Nous espérons voir votre réception dans les plus brefs délais.

Sincerely,

[Your Name]

[Your Title]

[Your Company Name]

[Your Company Address]

[Your City, State ZIP Code]

[Your Phone Number]

[Your Email Address]

[Your Website]

[Date]

Language: English | Intent: education

Question: Why is waste sorting important?

Expected Answer: It helps recycling, reduces pollution, and protects the environment.

Generated Answer: Waste sorting is important because it helps to reduce the amount of waste that ends up in landfills and improves the overall sustainability of our environment. Landfills are no

## 12. Interactive Testing

Test the model with your own custom questions.


In [34]:
# Interactive testing - modify the question below to test your model
custom_question = "How do I schedule a waste pickup?"
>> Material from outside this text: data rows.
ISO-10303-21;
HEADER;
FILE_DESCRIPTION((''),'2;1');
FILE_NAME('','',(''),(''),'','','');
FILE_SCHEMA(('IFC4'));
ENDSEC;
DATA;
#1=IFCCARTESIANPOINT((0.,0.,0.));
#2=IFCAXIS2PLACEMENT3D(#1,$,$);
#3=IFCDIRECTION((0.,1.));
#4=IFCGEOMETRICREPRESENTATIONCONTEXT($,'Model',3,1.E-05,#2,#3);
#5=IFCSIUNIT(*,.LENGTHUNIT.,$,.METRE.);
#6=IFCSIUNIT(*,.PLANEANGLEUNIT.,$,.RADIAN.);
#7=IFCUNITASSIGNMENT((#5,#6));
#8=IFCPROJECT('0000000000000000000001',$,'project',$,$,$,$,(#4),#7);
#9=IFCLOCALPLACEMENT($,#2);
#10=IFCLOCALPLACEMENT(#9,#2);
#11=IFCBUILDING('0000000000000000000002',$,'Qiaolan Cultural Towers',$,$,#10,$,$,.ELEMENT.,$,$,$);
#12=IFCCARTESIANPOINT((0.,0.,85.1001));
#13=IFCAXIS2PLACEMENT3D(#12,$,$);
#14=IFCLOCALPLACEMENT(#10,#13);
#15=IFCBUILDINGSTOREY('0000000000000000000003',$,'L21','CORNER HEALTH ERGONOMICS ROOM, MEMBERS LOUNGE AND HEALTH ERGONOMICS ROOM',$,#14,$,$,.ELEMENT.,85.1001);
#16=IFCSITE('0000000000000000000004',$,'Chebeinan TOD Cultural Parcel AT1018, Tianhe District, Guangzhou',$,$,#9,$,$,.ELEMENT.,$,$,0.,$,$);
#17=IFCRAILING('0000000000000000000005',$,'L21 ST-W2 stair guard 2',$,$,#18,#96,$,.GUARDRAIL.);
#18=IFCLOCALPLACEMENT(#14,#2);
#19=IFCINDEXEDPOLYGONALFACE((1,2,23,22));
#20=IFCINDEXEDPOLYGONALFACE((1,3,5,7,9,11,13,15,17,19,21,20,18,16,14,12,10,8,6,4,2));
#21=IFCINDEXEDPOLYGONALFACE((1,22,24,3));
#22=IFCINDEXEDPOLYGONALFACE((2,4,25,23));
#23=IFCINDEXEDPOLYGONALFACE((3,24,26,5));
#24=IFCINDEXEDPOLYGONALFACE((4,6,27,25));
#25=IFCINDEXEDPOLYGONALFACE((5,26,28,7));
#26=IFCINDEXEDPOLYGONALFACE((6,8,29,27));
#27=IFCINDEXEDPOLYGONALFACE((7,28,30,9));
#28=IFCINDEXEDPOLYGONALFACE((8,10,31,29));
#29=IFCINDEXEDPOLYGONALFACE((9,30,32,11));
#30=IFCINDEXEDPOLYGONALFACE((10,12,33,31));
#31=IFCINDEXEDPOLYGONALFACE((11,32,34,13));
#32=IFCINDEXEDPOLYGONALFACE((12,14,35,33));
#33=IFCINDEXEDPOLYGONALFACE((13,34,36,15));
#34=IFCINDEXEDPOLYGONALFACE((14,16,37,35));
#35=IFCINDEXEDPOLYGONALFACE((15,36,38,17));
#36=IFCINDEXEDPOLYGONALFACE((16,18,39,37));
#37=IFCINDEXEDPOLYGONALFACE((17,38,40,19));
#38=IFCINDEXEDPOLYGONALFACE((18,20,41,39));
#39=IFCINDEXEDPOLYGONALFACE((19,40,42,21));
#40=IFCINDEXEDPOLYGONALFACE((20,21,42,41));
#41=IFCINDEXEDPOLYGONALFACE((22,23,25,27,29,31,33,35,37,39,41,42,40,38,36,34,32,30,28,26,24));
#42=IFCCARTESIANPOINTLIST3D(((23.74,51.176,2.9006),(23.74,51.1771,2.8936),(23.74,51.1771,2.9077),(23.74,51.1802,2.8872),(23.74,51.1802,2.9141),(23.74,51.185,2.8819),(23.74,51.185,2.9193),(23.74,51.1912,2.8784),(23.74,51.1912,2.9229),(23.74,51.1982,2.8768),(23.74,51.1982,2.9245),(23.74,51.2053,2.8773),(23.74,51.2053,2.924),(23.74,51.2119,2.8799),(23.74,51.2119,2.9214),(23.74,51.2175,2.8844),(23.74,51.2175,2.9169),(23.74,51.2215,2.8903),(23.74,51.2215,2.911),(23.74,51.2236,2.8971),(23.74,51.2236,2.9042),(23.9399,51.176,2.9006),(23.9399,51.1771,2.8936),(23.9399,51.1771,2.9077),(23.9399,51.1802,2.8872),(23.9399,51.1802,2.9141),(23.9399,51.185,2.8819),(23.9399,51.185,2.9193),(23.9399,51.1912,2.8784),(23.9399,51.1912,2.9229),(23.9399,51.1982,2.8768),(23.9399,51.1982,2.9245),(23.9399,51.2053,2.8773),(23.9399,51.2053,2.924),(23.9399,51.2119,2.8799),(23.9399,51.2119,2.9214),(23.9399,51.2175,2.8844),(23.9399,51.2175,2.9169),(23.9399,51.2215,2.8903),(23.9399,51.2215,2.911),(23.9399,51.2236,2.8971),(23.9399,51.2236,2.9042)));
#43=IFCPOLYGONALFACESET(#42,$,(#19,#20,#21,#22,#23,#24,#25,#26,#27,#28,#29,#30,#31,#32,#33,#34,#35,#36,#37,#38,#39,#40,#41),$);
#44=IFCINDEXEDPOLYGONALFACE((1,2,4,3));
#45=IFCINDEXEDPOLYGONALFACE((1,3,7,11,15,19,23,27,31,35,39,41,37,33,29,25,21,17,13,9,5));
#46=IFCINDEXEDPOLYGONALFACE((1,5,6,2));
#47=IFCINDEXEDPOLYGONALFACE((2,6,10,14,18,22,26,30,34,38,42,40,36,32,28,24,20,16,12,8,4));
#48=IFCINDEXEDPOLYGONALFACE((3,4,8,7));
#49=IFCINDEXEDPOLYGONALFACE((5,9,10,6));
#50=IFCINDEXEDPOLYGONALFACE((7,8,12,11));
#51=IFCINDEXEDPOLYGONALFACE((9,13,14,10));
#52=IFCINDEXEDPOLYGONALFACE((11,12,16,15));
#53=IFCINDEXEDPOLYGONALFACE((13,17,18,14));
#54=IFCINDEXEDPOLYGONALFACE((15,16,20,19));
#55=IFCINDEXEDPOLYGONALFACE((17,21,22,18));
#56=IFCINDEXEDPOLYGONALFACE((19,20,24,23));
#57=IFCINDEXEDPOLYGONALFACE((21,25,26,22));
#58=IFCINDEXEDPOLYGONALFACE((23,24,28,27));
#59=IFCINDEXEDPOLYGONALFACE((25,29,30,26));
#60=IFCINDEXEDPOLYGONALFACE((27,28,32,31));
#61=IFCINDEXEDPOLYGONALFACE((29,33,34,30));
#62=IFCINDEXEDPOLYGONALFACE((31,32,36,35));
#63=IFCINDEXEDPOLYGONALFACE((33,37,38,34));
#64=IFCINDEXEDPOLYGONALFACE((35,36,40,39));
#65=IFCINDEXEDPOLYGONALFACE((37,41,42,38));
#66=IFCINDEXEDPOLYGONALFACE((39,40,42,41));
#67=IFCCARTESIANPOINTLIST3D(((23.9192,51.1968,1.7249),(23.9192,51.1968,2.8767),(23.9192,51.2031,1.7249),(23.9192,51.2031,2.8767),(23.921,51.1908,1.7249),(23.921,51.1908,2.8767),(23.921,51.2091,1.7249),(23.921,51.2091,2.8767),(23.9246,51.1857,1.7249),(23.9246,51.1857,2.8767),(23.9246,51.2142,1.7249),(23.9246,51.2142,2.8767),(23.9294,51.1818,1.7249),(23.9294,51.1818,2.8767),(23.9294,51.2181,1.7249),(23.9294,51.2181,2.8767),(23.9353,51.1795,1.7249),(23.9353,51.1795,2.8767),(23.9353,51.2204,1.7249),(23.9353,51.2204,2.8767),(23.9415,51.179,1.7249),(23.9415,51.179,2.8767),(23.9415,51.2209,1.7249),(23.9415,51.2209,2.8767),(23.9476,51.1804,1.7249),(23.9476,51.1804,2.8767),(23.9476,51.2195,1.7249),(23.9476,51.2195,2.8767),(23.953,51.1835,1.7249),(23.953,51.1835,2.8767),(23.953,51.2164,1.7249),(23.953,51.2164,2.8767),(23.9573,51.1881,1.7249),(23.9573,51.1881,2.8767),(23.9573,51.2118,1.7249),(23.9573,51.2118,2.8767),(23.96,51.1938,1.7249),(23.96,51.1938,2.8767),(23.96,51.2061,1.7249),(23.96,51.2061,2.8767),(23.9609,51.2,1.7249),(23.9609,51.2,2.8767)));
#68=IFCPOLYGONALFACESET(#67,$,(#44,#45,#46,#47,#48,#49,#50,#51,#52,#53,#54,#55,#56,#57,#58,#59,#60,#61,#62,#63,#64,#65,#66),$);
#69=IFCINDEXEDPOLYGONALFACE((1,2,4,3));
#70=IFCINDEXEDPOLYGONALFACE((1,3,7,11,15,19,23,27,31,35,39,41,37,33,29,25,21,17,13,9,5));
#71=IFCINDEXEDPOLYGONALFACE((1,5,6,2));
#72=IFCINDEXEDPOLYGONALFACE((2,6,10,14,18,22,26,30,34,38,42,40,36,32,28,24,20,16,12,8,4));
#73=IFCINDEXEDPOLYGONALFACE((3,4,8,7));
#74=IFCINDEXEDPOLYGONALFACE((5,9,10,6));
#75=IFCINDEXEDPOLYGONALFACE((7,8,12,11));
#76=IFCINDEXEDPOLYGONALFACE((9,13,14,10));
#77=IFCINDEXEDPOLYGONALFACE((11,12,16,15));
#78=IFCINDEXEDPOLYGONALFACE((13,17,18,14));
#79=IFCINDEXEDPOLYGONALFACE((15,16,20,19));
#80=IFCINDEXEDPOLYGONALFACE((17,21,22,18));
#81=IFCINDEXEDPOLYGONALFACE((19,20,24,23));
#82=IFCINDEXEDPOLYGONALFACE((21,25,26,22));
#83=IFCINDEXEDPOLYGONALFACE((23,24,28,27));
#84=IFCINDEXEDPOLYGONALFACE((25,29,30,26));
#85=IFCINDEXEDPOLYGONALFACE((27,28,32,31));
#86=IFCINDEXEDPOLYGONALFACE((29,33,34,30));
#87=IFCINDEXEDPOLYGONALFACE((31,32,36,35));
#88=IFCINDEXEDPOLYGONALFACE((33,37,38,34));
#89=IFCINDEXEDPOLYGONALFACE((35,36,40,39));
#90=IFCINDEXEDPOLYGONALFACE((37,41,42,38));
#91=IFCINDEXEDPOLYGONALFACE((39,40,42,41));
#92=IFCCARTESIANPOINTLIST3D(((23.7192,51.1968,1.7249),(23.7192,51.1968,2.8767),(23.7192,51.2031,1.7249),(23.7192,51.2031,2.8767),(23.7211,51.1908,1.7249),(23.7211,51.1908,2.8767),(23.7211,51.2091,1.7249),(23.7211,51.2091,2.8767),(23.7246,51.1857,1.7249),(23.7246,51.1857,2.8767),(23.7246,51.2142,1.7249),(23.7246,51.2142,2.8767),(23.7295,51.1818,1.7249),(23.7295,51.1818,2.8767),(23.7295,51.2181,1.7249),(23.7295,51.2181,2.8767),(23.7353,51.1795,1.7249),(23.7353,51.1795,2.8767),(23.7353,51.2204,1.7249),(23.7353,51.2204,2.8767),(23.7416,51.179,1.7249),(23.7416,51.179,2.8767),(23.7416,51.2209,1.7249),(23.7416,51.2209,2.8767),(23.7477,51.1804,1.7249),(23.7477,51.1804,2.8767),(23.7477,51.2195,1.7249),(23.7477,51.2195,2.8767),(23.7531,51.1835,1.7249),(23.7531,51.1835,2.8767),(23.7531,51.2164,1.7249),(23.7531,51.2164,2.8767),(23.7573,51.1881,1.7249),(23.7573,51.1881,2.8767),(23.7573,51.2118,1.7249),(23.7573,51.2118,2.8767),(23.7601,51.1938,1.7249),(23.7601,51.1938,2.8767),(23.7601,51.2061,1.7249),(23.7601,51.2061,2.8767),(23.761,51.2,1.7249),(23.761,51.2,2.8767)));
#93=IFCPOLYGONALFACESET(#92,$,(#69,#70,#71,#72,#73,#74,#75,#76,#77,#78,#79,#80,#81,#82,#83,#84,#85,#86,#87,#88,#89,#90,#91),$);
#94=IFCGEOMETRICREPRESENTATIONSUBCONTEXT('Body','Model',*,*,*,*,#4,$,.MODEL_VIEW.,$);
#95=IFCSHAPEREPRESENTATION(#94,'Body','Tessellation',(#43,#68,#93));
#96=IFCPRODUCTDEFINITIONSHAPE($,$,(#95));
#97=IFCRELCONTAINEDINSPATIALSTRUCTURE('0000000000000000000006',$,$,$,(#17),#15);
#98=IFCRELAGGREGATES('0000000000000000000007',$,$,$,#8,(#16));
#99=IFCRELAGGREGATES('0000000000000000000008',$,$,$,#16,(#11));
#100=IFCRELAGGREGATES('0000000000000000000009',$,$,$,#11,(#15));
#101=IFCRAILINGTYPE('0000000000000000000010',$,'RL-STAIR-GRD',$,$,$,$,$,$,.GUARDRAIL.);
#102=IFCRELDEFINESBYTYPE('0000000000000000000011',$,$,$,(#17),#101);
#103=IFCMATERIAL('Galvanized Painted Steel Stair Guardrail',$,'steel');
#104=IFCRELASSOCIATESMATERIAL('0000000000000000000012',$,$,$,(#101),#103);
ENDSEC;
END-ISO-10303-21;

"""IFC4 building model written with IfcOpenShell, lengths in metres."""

from ifc_helpers import new_model, si_unit, direction, frame, origin, origin_2d, place, context, subcontext, project, spatial, circle, extrude, material, type_object, element, save


model = new_model("IFC4")

# Units and contexts
model_context = context("Model", 3, precision=1e-05, world=origin(), true_north=direction((0.0, 1.0)))
body_context = subcontext(model_context, "Body", "Model", "MODEL_VIEW")
ifc_project = project(units=[si_unit("LENGTHUNIT", "METRE"), si_unit("PLANEANGLEUNIT", "RADIAN")], contexts=[model_context])

# Site, building, storey
site_placement = place(None, origin())
site = spatial("IfcSite", under=ifc_project, at=site_placement, Name="Chebeinan TOD Cultural Parcel AT1018, Tianhe District, Guangzhou", CompositionType="ELEMENT", RefElevation=0.0)
building_placement = place(site_placement, origin())
building = spatial("IfcBuilding", under=site, at=building_placement, Name="Qiaolan Cultural Towers", CompositionType="ELEMENT")
storey_placement = place(building_placement, frame((0.0, 0.0, 85.1001)))
storey = spatial("IfcBuildingStorey", under=building, at=storey_placement, Name="L21", Description="CORNER HEALTH ERGONOMICS ROOM, MEMBERS LOUNGE AND HEALTH ERGONOMICS ROOM", CompositionType="ELEMENT", Elevation=85.1001)

# Railing
ifc_material_1 = material(Name="Galvanized Painted Steel Stair Guardrail", Category="steel")
railing_type_1 = type_object("IfcRailingType", Name="RL-STAIR-GRD", PredefinedType="GUARDRAIL", material=ifc_material_1)
railing_1_placement = place(storey_placement, frame((23.9399, 51.2, 1.7249)))
element("IfcRailing", 1, at=railing_1_placement, inside=storey, type_object=railing_type_1, Name="L21 ST-W2 stair guard 2", PredefinedType="GUARDRAIL", context=body_context, shape_type="SweptSolid", body=[
    extrude(circle(Radius=0.0239, at=origin_2d()), frame((0.0, 0.0, 1.1758), z_axis=(-1.0, 0.0, 0.0), x_axis=(0.0, -1.0, 0.0)), (0.0, 0.0, 1.0), 0.2),
    extrude(circle(Radius=0.021, at=origin_2d()), origin(), (0.0, 0.0, 1.0), 1.1519),
    extrude(circle(Radius=0.021, at=origin_2d()), frame((-0.2, 0.0, 0.0)), (0.0, 0.0, 1.0), 1.1519),
])

save(model, "model.ifc")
print("Testing with custom question:")
print(f"Question: {custom_question}")
print("\nGenerating response...")

response = generate_response(trained_model, eval_tokenizer, custom_question)
print(f"\nResponse: {response}")

# You can test more questions by running this cell again with different questions


Testing with custom question:
Question: How do I schedule a waste pickup?

Generating response...

Response: Sure! To schedule a waste pickup, please call the city's waste management hotline at 718-638-5575. The hotline is available 24/7 and can handle your request. Once you have scheduled your pickup, you will receive a notification via email or text message. If you have any questions or concerns, you can contact the hotline at any time.


## 13. Model Summary

Summary of the trained model and saved files.


In [35]:
# Print model summary and saved files
print("="*60)
print("MODEL TRAINING SUMMARY")
print("="*60)
print(f"\nModel Name: {MODEL_NAME}")
print(f"Model Save Directory: {MODEL_SAVE_DIR}")
print(f"\nDataset Statistics:")
print(f"  Total unique Q&A pairs: {len(df_unique)}")
print(f"  Training samples: {len(train_df)}")
print(f"  Validation samples: {len(val_df)}")
print(f"  Test samples: {len(test_df)}")

print(f"\nSaved Files in {MODEL_SAVE_DIR}:")
if os.path.exists(MODEL_SAVE_DIR):
    for file in os.listdir(MODEL_SAVE_DIR):
        file_path = os.path.join(MODEL_SAVE_DIR, file)
        if os.path.isfile(file_path):
            size = os.path.getsize(file_path) / (1024 * 1024)  # Size in MB
            print(f"  - {file} ({size:.2f} MB)")
        else:
            print(f"  - {file}/ (directory)")

print("\n" + "="*60)
print("Training and evaluation completed successfully!")
print("="*60)


MODEL TRAINING SUMMARY

Model Name: TinyLlama/TinyLlama-1.1B-Chat-v1.0
Model Save Directory: ./models/isuku_chatbot_llama

Dataset Statistics:
  Total unique Q&A pairs: 12
  Training samples: 8
  Validation samples: 2
  Test samples: 2

Saved Files in ./models/isuku_chatbot_llama:
  - adapter_model.safetensors (17.21 MB)
  - tokenizer_config.json (0.00 MB)
  - special_tokens_map.json (0.00 MB)
  - test_samples_results.csv (0.00 MB)
  - tokenizer.json (3.45 MB)
  - checkpoints/ (directory)
  - README.md (0.00 MB)
  - training_args.bin (0.01 MB)
  - training_metrics.json (0.00 MB)
  - adapter_config.json (0.00 MB)
  - chat_template.jinja (0.00 MB)
  - test_results.json (0.00 MB)

Training and evaluation completed successfully!